Let's be generous and give them everyone in the world, recently about 7bn potential users total. That's $14.29 per user.
It's hard to imagine a business model that can leverage that kind of money per person on average, much less with all the people who are inaccessible for various reasons.
It's going to be interesting to see where they go with this.
That's just simply valuing each user by dividing Facebook's estimated valuation by the number of users. I'm sure Facebook will not only continue to improve their revenue to constantly please the pencil pushers, but is it so crazy to value each user at $125? Remember, that's not revenue; it's just value per user.
Most public companies trade for at least 12 times their earnings. Google is 20x earnings and their market cap is $190 billion.
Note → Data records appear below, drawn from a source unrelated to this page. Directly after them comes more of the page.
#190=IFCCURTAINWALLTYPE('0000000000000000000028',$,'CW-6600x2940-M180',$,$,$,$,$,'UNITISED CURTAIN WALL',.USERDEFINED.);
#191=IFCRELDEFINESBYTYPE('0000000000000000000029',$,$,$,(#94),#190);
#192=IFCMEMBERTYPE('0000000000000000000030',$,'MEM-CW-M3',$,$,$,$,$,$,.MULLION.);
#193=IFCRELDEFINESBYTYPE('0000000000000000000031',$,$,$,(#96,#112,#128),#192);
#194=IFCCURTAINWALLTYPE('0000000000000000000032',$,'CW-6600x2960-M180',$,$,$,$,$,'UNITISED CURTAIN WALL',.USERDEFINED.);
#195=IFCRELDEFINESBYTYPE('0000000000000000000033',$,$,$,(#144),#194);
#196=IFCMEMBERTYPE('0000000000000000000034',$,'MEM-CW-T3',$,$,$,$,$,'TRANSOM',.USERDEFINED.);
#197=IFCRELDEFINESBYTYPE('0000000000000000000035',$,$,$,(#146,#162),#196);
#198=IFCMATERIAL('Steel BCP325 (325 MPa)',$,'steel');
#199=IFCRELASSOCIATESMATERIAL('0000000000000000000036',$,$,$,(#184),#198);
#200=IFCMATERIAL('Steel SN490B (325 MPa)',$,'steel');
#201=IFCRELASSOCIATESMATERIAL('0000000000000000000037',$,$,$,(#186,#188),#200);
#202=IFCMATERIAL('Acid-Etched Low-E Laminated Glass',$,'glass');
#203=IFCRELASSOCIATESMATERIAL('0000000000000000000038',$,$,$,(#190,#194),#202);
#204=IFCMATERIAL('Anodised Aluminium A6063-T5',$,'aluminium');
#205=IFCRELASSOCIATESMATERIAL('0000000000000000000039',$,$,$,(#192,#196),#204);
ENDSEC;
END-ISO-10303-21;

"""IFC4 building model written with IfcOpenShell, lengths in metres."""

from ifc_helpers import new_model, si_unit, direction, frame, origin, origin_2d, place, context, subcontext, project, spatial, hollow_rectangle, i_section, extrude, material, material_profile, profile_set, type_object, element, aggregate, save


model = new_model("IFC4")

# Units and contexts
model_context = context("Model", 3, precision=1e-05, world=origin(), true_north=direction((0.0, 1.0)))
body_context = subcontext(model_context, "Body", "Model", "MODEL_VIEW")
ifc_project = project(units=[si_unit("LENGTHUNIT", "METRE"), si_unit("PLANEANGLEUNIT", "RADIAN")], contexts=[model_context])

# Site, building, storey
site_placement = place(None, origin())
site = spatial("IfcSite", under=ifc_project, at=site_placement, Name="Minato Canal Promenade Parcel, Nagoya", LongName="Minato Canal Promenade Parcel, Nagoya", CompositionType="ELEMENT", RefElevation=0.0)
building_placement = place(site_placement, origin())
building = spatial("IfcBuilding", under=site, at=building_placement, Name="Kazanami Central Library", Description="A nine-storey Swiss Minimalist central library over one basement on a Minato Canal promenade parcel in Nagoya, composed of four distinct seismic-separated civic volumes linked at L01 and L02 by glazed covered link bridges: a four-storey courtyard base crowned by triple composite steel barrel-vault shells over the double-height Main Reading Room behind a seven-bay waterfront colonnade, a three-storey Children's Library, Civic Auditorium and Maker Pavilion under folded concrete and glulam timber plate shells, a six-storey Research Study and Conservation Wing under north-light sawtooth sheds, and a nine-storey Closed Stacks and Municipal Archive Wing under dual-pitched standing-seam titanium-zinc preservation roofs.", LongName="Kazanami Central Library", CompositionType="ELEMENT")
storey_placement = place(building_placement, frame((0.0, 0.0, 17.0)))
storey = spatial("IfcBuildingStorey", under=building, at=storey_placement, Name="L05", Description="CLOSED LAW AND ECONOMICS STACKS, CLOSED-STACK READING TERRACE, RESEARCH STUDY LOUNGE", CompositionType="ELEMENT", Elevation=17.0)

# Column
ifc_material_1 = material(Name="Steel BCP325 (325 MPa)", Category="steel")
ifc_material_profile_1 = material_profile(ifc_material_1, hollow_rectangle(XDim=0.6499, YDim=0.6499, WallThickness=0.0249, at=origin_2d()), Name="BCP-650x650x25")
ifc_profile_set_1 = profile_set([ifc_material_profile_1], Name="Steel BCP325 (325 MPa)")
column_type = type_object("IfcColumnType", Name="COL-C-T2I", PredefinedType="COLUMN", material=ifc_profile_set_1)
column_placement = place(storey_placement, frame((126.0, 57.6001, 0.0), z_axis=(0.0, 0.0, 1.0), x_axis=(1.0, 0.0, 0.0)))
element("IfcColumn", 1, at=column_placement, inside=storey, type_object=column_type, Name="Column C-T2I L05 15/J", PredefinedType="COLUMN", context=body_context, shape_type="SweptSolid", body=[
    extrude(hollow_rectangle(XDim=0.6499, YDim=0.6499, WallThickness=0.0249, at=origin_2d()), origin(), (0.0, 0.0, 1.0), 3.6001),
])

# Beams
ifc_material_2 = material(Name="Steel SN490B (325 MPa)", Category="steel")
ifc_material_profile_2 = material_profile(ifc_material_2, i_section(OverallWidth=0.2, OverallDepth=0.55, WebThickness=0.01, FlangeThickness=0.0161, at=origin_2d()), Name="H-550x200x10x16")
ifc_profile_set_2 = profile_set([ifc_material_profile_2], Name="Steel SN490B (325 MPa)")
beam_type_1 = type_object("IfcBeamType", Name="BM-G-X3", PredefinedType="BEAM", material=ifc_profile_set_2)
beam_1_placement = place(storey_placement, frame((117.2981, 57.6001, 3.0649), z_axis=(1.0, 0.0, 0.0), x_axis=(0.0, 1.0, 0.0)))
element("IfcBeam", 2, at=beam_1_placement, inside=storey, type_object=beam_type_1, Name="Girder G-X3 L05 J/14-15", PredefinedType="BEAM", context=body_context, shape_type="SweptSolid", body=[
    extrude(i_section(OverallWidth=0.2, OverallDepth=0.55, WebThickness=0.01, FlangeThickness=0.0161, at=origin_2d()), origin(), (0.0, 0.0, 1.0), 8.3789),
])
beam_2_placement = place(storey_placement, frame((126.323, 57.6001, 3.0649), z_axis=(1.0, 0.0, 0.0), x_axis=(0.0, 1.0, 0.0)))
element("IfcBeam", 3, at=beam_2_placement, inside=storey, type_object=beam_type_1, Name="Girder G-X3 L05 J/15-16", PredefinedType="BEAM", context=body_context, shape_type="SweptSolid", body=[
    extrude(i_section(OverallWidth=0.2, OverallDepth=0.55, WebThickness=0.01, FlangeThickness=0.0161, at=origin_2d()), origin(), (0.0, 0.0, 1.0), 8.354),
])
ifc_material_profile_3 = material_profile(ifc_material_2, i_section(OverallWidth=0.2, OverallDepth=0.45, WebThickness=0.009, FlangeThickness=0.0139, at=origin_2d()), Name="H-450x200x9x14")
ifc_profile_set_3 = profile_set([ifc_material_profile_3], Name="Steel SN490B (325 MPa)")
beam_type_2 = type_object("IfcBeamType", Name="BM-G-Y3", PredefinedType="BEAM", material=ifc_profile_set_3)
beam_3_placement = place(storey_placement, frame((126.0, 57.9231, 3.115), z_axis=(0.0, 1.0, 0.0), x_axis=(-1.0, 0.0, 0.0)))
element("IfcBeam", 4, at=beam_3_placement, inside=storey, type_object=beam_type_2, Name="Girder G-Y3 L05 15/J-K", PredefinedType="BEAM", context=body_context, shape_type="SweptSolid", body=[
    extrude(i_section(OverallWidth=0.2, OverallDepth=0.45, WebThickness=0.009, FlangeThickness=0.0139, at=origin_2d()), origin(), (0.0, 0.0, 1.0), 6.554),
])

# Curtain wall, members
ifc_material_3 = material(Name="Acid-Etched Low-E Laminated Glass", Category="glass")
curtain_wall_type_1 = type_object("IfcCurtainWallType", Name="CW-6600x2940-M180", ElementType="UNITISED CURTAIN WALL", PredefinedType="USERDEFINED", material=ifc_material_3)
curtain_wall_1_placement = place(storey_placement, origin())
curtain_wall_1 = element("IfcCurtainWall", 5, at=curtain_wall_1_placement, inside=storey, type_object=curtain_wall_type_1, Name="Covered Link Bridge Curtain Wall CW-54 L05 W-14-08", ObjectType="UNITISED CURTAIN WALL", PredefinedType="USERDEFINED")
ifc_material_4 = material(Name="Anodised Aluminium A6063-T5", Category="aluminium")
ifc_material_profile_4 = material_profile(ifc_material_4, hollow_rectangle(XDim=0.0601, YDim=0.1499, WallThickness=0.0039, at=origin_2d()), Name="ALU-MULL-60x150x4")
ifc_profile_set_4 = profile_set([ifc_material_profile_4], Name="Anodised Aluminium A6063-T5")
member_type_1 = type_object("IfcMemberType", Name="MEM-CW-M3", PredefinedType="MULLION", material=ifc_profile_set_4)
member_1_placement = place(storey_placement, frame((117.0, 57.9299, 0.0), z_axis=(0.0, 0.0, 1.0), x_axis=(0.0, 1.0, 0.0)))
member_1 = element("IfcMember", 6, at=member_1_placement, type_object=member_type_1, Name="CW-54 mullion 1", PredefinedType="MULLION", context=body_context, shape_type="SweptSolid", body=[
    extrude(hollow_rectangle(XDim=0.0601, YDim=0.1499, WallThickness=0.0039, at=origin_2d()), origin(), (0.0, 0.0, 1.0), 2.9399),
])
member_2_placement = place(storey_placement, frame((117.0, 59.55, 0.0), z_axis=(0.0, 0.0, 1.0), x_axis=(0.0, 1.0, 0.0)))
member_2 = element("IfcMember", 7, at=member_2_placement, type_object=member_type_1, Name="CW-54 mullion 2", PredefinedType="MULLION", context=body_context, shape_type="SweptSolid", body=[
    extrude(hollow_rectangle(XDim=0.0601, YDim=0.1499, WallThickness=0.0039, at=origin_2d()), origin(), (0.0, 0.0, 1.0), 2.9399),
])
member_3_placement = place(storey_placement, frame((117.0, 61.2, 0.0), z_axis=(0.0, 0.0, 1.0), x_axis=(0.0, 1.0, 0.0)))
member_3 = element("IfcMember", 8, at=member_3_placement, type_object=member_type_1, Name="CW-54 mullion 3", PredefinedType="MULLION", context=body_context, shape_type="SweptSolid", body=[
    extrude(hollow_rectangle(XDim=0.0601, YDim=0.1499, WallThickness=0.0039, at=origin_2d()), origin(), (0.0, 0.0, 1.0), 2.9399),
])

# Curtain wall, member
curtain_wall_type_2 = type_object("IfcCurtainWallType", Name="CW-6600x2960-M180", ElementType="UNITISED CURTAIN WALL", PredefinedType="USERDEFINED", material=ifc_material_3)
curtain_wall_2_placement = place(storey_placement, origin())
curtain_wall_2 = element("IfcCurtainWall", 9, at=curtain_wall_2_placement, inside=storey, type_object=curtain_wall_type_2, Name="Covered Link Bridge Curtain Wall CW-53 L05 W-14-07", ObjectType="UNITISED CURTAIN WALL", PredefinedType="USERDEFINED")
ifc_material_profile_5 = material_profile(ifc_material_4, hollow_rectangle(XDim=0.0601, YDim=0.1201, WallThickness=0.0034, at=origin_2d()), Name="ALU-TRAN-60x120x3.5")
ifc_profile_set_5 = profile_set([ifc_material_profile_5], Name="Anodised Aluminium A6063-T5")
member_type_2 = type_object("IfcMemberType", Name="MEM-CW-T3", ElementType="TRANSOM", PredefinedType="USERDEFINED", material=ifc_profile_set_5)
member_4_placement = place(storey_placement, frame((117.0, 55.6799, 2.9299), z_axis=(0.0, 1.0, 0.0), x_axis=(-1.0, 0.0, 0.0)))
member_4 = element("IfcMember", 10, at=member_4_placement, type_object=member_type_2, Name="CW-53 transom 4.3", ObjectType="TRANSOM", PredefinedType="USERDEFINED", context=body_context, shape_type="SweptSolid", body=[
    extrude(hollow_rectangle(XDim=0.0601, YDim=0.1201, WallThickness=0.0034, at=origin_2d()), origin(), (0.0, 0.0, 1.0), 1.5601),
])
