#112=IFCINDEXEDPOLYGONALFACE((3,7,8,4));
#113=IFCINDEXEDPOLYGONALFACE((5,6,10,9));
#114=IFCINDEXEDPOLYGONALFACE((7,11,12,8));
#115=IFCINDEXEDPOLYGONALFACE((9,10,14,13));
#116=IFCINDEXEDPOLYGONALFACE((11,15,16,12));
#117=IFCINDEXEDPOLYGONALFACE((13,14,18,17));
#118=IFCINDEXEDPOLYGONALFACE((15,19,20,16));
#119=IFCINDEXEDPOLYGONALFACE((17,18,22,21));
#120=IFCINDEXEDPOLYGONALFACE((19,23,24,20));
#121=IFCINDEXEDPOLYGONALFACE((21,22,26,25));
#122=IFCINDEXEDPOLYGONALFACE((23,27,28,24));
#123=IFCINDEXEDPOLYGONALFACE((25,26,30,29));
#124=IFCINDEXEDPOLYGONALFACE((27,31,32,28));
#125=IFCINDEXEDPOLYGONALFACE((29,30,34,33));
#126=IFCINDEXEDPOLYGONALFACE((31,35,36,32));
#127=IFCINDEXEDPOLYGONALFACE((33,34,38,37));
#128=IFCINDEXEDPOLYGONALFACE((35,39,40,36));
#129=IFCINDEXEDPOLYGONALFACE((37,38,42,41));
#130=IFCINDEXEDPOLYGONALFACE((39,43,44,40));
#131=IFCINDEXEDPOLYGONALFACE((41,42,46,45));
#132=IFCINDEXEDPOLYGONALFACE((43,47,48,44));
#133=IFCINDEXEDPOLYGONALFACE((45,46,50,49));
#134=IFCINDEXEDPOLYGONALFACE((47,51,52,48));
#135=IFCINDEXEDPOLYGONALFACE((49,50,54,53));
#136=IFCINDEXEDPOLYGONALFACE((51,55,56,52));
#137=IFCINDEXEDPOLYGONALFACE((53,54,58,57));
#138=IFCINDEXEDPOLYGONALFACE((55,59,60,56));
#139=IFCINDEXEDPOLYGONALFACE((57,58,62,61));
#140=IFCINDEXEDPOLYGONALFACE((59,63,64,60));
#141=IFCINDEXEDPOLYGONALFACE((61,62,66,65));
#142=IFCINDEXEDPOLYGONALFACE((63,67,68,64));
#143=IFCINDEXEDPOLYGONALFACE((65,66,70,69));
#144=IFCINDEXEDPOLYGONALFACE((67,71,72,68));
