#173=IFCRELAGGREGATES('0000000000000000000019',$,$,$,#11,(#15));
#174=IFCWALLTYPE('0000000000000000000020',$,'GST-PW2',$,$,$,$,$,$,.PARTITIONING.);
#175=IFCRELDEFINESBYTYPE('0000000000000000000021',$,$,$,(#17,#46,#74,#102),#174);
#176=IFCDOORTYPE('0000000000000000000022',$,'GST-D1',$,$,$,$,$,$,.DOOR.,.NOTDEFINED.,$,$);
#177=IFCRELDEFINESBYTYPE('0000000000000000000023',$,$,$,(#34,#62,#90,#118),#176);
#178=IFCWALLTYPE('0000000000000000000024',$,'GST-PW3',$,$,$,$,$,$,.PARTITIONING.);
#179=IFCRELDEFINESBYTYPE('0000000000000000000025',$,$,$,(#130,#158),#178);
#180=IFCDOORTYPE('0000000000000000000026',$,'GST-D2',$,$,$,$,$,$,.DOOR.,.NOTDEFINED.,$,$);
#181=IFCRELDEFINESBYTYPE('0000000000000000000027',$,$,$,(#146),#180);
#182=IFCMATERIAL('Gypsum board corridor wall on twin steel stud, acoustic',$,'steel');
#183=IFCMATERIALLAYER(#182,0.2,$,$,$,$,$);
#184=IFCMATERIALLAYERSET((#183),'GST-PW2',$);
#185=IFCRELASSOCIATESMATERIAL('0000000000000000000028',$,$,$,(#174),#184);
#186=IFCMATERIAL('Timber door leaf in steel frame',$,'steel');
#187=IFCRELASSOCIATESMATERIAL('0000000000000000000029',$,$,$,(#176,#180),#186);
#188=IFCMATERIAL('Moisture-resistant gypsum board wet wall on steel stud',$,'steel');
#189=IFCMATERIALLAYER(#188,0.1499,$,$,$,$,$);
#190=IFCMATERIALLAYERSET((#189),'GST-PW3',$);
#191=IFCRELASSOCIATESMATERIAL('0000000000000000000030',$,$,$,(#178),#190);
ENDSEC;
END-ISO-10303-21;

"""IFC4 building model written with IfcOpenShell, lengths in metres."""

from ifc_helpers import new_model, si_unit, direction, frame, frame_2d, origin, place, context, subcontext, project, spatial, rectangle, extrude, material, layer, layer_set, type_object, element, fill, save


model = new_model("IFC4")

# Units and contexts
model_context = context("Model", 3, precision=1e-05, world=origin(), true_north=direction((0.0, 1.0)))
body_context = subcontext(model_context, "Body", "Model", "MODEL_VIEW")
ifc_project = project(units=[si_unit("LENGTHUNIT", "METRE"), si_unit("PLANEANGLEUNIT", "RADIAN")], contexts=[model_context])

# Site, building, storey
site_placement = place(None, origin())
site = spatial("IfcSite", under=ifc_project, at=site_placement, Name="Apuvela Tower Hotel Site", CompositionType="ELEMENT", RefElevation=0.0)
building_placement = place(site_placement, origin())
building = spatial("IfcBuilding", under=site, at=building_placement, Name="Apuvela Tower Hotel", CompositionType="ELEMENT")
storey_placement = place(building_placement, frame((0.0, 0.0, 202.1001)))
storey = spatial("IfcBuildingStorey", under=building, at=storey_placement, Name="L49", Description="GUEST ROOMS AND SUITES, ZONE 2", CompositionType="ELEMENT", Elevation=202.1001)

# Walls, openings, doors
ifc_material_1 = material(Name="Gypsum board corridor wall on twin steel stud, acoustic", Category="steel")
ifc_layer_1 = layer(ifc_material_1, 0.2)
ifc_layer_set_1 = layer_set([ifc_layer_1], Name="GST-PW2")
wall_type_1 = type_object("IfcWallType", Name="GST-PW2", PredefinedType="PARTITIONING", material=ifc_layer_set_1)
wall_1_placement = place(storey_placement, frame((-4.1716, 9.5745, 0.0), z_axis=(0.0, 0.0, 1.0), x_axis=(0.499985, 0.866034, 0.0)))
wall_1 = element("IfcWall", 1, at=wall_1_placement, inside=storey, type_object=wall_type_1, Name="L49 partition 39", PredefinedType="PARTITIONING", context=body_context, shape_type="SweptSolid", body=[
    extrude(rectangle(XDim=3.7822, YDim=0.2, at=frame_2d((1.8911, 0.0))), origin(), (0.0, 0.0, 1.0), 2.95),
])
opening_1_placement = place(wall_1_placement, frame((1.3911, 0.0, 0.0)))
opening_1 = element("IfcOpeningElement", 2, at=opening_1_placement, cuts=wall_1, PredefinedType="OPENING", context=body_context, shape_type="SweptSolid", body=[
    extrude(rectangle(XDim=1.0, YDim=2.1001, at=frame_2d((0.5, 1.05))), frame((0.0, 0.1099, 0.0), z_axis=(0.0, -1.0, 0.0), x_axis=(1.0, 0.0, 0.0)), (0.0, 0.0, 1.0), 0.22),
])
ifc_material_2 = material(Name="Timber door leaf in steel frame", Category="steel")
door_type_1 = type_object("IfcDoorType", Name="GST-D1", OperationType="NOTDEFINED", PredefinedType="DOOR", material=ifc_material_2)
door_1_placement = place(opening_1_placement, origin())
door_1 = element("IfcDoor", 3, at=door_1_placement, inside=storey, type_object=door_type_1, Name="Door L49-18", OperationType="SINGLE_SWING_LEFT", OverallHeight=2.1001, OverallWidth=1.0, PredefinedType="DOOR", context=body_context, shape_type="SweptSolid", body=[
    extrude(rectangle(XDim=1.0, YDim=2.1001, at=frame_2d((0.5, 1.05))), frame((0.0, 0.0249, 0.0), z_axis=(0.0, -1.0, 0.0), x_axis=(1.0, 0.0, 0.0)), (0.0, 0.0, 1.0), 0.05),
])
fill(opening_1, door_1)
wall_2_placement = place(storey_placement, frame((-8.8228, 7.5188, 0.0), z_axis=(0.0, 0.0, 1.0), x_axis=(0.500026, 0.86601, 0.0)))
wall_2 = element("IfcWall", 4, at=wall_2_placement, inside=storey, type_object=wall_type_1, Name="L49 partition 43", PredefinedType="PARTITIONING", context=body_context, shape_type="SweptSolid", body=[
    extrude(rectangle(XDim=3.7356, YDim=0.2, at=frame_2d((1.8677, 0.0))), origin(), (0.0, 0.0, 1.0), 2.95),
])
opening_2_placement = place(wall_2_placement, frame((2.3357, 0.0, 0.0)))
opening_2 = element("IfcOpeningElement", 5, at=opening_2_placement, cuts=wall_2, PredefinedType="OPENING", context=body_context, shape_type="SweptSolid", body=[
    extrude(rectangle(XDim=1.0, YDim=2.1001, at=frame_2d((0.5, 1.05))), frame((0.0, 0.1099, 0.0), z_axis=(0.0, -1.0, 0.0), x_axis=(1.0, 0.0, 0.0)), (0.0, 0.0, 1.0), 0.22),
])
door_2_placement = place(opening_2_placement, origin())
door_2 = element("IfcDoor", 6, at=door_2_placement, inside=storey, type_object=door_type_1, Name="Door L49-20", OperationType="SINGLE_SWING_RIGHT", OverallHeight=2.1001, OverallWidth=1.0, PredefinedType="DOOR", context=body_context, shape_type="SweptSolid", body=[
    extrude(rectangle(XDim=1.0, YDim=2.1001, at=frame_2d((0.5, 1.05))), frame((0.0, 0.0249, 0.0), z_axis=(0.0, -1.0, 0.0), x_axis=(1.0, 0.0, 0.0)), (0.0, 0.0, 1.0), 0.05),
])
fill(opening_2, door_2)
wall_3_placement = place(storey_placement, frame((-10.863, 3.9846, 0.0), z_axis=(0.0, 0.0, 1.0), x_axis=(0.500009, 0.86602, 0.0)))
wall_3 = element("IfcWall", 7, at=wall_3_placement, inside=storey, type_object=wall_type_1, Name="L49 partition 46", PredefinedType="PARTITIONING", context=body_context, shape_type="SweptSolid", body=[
Your math would be assuming that Facebook will have $0 in assets and will be trading with a P/E of 1. Earnings of $6.25 per year, per user (at 800 million users) justifies a $100B valuation at a 20x P/E with $0 in assets and no expected future growth.
By the "fuck it, we're doing 5 blades!" principle, I predict that Facebook market cap will balloon to $1Trillion, and Zuck will spend a few minutes in the exclusive $200B-and-up club before HF trading automata crush him down to a merely-immortal $5B or so.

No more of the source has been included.